A Very Good Day

Oct 31, 2011 21:11


Today was the sort of awesome day that makes me a little wary of going up and down the stairs, because it seems so out of balance that I am undoubtedly bucking for a broken leg or something. I finished the art for Fairybreath (oh god yay!) hit another mental landmark in Bread Wizard (yay!) and unexpectedly got a royalty statement for Batbreath and Wurstbreath (double yay!) informing me that Batbreath had earned out. (Double-triple-quadruple uber-screamy YAY!)

Batbreath having come out in March, and the end of the sales period being in July, that means that it earned out in the first four months, which is fabulous. As of the end of July, we’ve moved about 35K copies of Batbreath and 46K Wurstbreath, which is pretty darn awesome. (Not including foreign/Scholastic book fair sales-I won’t see numbers on those for awhile.) Both had a jump in unit returns, most likely owing to the end of Borders, but that should smooth out long-term, and hey, that’s why there’s the reserve against returns, after all.

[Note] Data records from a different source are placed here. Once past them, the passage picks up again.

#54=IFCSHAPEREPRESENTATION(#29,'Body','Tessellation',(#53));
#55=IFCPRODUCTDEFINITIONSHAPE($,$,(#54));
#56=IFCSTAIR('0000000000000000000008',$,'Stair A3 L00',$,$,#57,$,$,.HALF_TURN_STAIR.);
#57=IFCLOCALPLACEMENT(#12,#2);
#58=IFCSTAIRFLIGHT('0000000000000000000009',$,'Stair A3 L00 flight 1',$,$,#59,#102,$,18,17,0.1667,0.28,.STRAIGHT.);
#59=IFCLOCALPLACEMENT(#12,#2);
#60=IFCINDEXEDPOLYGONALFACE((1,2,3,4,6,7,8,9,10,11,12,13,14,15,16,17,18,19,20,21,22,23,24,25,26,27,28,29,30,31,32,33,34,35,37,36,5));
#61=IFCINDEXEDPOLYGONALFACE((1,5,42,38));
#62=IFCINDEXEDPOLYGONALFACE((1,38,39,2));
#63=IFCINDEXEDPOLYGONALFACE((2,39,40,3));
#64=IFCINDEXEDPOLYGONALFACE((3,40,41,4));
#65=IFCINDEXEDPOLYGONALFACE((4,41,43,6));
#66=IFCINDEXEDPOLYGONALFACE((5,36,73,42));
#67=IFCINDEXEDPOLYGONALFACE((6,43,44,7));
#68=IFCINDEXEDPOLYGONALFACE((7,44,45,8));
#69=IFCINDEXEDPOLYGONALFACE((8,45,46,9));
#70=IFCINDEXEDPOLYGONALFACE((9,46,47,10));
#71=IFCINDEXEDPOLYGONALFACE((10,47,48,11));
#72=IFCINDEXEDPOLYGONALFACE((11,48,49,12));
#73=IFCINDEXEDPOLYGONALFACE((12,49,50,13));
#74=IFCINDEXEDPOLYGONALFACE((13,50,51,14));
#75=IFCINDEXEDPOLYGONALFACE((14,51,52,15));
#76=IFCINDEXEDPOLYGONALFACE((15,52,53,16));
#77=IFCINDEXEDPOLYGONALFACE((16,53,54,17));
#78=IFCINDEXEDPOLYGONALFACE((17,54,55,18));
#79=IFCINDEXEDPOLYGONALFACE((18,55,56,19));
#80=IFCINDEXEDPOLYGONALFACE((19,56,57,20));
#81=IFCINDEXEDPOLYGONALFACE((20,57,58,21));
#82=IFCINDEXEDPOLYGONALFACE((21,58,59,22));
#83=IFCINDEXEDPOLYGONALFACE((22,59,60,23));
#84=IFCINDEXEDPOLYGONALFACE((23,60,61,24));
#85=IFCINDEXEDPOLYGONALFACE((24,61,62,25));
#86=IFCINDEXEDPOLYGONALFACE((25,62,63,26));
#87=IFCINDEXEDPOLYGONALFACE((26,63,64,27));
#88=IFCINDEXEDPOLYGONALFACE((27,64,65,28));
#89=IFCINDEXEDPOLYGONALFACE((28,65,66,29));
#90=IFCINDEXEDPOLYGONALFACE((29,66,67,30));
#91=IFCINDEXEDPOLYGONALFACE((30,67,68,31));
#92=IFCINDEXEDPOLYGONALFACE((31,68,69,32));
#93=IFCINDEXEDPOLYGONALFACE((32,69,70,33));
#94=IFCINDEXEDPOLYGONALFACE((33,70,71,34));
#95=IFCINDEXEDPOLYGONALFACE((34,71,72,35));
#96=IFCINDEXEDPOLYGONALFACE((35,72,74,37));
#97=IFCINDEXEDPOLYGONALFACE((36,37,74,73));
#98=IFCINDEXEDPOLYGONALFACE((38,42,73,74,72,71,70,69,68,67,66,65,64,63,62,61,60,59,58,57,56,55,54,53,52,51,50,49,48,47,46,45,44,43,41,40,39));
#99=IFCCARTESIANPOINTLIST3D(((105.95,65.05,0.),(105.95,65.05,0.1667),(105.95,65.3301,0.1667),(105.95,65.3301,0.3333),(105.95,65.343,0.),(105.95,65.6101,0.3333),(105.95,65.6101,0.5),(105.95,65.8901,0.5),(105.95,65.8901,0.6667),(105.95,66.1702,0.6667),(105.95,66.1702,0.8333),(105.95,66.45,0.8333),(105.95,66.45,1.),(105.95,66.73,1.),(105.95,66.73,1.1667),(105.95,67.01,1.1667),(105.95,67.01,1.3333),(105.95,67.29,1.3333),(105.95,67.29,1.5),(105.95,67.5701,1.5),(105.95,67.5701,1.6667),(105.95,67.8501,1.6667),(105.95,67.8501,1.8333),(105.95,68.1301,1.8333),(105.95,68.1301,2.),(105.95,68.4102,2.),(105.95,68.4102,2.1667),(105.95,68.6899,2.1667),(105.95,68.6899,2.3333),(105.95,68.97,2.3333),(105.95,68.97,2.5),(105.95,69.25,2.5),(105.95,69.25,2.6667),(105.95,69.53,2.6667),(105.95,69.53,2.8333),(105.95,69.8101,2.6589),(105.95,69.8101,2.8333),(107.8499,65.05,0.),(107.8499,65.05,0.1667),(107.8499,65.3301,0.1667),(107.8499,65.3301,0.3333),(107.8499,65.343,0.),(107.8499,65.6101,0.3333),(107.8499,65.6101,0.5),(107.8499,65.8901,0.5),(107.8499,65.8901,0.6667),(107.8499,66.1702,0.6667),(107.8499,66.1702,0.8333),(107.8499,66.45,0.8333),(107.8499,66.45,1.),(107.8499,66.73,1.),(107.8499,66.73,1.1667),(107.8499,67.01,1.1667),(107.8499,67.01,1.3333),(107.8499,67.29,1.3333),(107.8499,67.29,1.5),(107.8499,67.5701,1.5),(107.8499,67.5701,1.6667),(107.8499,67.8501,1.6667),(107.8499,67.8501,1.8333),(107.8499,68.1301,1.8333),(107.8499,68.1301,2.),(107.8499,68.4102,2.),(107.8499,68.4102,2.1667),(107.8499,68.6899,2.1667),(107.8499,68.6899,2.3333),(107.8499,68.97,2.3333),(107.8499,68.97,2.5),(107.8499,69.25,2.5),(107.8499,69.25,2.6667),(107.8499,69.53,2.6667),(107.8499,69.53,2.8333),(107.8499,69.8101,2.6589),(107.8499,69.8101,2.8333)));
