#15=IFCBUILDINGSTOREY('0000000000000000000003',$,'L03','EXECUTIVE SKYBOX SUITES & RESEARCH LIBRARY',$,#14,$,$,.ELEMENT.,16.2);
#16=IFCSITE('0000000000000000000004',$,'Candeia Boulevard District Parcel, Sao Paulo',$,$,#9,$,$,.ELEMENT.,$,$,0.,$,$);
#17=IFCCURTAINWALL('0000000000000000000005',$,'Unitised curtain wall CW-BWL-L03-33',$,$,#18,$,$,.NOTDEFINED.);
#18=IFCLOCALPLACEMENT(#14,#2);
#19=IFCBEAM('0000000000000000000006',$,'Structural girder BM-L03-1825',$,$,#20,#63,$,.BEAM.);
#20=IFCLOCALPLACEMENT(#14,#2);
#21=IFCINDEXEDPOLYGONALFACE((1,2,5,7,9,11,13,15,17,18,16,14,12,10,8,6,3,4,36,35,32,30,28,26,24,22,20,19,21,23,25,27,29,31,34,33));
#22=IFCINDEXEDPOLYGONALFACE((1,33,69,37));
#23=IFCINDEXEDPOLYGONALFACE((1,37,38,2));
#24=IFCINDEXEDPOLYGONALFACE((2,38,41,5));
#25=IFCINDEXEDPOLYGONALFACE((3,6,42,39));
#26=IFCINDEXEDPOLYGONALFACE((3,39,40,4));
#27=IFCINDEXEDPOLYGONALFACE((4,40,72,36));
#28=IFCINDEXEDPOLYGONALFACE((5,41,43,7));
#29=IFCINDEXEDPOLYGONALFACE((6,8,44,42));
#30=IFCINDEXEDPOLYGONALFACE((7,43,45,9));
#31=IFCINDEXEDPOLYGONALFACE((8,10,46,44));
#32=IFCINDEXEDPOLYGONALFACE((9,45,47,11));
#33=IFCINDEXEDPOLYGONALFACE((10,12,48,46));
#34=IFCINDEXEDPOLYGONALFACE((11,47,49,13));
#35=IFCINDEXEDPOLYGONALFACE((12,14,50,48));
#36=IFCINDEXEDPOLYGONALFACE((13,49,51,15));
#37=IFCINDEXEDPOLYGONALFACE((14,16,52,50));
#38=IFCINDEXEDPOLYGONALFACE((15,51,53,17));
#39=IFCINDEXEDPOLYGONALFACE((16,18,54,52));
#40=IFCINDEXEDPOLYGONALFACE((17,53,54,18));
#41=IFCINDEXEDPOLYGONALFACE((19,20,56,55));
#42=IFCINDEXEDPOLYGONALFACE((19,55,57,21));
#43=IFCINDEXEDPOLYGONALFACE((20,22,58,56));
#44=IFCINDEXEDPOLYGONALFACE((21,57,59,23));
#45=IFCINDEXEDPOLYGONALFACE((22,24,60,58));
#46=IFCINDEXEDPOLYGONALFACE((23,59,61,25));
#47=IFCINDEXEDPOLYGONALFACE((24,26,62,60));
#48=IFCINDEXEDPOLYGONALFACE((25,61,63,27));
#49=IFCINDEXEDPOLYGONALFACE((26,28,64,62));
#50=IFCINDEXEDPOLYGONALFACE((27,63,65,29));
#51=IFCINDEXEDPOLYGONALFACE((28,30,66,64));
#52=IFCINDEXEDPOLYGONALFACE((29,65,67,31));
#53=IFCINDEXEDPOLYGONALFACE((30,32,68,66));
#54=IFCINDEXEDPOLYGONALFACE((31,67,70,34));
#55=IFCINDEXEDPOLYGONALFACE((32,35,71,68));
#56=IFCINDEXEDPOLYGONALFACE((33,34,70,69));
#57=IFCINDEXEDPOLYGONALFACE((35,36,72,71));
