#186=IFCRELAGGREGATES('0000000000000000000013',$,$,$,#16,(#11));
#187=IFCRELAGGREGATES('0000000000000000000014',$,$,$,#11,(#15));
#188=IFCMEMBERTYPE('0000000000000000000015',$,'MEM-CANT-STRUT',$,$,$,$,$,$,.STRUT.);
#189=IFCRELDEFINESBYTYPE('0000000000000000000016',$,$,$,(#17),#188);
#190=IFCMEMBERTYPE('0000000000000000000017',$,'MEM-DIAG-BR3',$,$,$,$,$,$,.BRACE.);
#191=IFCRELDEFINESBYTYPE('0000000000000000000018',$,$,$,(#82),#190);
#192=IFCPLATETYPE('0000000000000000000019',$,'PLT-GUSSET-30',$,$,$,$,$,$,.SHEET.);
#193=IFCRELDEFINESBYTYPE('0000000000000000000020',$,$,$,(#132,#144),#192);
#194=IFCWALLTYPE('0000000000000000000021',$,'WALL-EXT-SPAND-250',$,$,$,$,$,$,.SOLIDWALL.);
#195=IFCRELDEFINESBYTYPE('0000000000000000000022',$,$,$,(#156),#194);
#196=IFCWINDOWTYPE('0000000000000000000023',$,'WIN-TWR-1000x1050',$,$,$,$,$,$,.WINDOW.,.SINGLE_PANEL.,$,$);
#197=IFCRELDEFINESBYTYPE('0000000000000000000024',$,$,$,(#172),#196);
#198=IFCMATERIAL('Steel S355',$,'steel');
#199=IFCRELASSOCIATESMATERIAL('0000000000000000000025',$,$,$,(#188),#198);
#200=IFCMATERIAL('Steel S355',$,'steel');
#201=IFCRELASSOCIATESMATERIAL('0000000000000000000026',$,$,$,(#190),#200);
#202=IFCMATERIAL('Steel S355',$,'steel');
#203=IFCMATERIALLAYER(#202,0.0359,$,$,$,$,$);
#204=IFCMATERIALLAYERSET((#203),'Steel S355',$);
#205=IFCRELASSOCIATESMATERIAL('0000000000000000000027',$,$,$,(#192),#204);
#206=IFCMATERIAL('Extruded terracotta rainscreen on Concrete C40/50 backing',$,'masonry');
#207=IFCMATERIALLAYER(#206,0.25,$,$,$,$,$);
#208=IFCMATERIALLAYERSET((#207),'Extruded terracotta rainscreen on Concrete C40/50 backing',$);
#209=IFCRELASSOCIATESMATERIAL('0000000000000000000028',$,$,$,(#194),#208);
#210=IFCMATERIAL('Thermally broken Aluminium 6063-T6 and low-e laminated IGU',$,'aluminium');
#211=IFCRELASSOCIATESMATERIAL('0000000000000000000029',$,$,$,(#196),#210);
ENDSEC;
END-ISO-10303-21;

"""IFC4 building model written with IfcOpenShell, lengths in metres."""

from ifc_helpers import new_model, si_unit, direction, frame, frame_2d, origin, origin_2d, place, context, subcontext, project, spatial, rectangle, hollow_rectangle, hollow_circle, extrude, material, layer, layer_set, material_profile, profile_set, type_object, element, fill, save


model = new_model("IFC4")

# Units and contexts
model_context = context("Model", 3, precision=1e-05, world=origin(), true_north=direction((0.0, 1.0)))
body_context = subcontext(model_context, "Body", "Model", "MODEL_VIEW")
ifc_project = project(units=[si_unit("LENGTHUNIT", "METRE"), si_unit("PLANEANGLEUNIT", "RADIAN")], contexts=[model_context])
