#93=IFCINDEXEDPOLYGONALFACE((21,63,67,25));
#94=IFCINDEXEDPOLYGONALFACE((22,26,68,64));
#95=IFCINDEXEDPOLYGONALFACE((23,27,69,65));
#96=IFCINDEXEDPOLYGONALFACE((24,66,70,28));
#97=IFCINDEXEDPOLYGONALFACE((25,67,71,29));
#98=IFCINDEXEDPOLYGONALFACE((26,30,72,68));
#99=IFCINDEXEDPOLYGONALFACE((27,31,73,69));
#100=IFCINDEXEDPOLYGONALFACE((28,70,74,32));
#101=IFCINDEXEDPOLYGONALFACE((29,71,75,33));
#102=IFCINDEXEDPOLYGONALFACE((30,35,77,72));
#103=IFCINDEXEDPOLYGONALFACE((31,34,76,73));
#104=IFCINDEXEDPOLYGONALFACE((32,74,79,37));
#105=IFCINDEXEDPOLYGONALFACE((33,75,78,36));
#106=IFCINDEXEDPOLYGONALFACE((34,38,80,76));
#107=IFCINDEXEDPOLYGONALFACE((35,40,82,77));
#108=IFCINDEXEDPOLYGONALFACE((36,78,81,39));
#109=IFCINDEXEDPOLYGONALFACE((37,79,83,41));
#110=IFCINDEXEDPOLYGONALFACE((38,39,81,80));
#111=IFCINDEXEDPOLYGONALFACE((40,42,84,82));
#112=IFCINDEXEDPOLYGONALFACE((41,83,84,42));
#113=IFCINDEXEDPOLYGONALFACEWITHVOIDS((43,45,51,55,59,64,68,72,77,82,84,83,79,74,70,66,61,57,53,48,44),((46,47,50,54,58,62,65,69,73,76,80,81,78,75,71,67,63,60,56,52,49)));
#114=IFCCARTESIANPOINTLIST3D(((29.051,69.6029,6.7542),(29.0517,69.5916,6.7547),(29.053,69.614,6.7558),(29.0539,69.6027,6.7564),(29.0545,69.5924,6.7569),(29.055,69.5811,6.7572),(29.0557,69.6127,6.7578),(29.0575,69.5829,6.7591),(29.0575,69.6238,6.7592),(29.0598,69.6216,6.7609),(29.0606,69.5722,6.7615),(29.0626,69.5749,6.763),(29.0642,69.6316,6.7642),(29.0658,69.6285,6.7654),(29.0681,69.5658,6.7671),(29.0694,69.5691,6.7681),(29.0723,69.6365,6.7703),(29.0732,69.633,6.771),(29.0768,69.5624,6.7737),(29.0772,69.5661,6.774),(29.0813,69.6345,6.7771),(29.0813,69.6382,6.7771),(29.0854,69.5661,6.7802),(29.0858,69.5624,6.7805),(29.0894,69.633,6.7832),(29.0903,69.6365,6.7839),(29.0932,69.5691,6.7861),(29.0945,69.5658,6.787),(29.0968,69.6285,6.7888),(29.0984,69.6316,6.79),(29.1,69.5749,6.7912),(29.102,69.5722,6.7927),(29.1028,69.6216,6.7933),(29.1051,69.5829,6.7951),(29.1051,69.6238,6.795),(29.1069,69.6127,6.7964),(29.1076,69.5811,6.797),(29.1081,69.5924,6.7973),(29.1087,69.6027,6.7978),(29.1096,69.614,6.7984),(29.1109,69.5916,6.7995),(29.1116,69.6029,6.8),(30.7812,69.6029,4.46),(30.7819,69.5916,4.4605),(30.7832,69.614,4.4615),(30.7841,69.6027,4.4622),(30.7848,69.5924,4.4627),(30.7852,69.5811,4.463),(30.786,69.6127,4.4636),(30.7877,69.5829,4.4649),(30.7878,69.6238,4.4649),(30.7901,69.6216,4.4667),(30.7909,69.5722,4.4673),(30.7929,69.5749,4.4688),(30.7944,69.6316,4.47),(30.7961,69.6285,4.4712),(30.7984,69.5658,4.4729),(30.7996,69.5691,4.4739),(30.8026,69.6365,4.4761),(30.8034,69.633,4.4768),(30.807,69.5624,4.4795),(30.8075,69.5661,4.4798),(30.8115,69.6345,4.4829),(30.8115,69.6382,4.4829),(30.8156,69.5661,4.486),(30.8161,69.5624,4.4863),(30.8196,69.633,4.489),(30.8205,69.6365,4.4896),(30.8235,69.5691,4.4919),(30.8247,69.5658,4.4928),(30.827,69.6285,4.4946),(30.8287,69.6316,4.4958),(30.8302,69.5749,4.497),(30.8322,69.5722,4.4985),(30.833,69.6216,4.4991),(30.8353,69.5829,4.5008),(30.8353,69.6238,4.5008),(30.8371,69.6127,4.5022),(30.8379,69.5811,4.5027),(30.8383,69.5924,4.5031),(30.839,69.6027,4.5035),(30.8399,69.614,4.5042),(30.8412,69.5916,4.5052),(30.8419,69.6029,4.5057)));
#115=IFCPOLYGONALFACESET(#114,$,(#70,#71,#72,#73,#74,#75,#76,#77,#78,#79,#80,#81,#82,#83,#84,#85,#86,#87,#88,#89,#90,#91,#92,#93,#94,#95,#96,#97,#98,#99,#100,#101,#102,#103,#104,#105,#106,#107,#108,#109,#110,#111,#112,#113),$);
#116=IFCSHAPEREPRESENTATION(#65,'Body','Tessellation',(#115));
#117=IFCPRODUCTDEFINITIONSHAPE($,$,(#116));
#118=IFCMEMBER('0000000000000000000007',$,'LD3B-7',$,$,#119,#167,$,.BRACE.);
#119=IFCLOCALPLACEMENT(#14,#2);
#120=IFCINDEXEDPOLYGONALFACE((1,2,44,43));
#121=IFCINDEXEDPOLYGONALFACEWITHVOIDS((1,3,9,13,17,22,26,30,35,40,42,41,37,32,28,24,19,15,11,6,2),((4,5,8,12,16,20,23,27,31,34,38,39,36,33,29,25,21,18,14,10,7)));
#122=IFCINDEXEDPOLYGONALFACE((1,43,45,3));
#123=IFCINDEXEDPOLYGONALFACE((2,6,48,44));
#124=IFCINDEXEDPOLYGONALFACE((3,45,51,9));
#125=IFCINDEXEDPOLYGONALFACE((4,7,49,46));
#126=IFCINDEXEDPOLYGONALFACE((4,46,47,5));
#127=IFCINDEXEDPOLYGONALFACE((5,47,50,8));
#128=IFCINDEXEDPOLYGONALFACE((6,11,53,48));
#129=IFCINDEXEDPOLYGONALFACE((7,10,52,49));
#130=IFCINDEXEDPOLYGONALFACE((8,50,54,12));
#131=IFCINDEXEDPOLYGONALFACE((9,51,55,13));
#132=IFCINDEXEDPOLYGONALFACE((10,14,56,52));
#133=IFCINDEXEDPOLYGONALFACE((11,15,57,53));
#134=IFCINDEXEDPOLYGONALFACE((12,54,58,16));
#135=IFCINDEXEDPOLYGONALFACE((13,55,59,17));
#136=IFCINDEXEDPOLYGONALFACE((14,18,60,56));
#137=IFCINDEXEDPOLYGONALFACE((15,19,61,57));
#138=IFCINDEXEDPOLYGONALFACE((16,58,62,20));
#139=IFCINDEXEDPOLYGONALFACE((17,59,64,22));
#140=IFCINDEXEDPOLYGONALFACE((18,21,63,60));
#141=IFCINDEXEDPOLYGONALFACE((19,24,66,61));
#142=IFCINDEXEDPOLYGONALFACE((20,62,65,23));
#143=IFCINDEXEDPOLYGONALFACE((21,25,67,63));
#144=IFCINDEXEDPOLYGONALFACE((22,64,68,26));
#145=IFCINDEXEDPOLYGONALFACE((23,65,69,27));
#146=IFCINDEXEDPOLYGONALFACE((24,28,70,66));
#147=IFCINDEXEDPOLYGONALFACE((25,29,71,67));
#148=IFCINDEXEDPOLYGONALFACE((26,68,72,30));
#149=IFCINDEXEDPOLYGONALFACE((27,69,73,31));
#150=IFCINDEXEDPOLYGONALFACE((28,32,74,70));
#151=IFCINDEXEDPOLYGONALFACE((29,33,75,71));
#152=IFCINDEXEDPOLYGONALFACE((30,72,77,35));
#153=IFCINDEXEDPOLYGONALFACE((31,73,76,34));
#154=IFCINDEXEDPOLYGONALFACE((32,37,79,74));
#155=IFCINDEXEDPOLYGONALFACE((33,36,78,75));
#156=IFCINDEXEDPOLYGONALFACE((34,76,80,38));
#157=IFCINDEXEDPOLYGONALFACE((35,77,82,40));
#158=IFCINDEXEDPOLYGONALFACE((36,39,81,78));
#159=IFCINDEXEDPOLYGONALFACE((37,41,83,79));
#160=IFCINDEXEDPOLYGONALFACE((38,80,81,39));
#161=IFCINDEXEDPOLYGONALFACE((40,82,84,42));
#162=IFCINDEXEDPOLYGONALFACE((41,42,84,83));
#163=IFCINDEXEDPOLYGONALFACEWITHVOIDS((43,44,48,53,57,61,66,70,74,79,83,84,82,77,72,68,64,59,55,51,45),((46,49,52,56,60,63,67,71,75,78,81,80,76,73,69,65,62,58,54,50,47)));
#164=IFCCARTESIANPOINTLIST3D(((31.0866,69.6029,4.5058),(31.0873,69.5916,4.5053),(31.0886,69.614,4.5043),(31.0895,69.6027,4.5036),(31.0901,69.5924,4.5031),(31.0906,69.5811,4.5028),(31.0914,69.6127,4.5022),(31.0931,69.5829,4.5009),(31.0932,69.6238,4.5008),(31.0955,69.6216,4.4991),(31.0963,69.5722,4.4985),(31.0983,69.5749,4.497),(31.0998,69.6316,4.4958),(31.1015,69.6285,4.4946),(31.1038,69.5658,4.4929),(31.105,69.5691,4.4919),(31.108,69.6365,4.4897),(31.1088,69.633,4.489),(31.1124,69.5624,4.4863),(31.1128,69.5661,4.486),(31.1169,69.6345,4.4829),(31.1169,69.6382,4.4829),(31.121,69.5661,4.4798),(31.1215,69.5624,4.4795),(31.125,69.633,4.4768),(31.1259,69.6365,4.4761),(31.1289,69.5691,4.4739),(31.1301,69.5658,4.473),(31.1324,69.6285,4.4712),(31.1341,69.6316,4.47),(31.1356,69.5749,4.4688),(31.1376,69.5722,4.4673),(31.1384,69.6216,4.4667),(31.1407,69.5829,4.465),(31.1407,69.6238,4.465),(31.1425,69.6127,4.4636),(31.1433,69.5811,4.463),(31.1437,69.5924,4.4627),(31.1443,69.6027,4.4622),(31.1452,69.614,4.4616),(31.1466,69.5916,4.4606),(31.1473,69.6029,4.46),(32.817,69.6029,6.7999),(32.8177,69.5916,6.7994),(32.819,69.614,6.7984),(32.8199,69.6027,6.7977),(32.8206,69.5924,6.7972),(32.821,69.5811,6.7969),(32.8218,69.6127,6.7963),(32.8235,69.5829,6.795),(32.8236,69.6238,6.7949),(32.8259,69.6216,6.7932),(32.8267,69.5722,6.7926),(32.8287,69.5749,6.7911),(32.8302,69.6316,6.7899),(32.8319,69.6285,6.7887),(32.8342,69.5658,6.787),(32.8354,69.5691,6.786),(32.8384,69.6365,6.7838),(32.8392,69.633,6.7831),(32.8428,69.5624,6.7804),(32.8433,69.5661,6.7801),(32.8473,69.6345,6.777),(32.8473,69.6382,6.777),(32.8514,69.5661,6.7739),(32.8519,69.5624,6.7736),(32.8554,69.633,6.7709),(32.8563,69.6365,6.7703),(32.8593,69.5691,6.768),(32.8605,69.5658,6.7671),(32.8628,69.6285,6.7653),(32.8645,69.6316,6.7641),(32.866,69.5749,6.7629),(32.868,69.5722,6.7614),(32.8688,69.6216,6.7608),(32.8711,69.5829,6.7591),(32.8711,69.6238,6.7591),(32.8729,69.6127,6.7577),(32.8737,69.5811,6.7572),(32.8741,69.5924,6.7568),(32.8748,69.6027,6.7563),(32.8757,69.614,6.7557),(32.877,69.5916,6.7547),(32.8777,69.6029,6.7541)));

For non-authors out there, who are scratching their heads-”earning out” means that the book has sold enough copies that your share of the sales has exceeded the sum they paid you as an advance. I.E, if they give you ten thousand dollars and you get a dollar a book, your book has earned out when you have sold ten thousand copies. Everything after that is pretty much gravy-they sell another 3000 books, you get another 3000 dollars. Theoretically.

In actual fact the math is horrifyingly complicated and they send you a lot of sheets of paper-since a lot of my books sell through “discount” sellers (i.e. Wal-Mart and Amazon) where both the publisher and I get less cash, that’s on a different sheet than straightforward full-price sales through brick-and-mortar stores, and there’s always a page that has one single book sold on it that is somehow different and required another sheet of paper for some reason, but fortunately you get a nice little summary sheet in there somewhere that says “This is how many units you sold last time, this is how many you sold this time.” There is also a chunk of money called the “reserve against return” which is a chunk of cash they hang onto for a few years on the assumption that stores are going to send back X number of books. (There was a time I got grumpy about that, but now I’m kinda glad they take it out up front-that way it’s not real money in my head.)

It must be said that Batbreath only just earned out-it probably would have broken about even, except for aforementioned Scholastic and foreign rights, which tipped it over into an actual sum of money. This is also complicated, but the Cliff Notes version is that they give the publisher an advance, and depending on the sort of rights they buy, the publisher passes between 50 and 75% of that advance on to you. (Before anybody starts to rail at this, let me point out that they are buying the text from you, but the cover/layouts/design/etc from the publisher, rather than get their own art director to redo the whole kerfluffle. As my art director earns her paycheck every day she has to deal with me, and I get a correspondingly higher advance on the books to begin with for also being the illustrator, I begrudge them nothing.)

So, yeah, it’s complicated. The first time I got a royalty statement, I had to call Deb and go “And what does this mean? And what’s this number? Really? How about this number? No kiddin’…”  Nevertheless, as I occasionally like to point out-say what you will about the death of traditional publishing, they can casually move nearly eighty thousand copies (in this case) for an author on the high end of kid’s mid-list without me lifting a finger, a success I couldn’t hope to duplicate with Kickstarter and enthusiasm. (And while this counts as “doing great” in the field, I am myself far eclipsed by things like Wimpy Kid and Dork Diaries.)

So today has been fantastic. And I am going to be very very careful going to down the stairs tonight, just in case.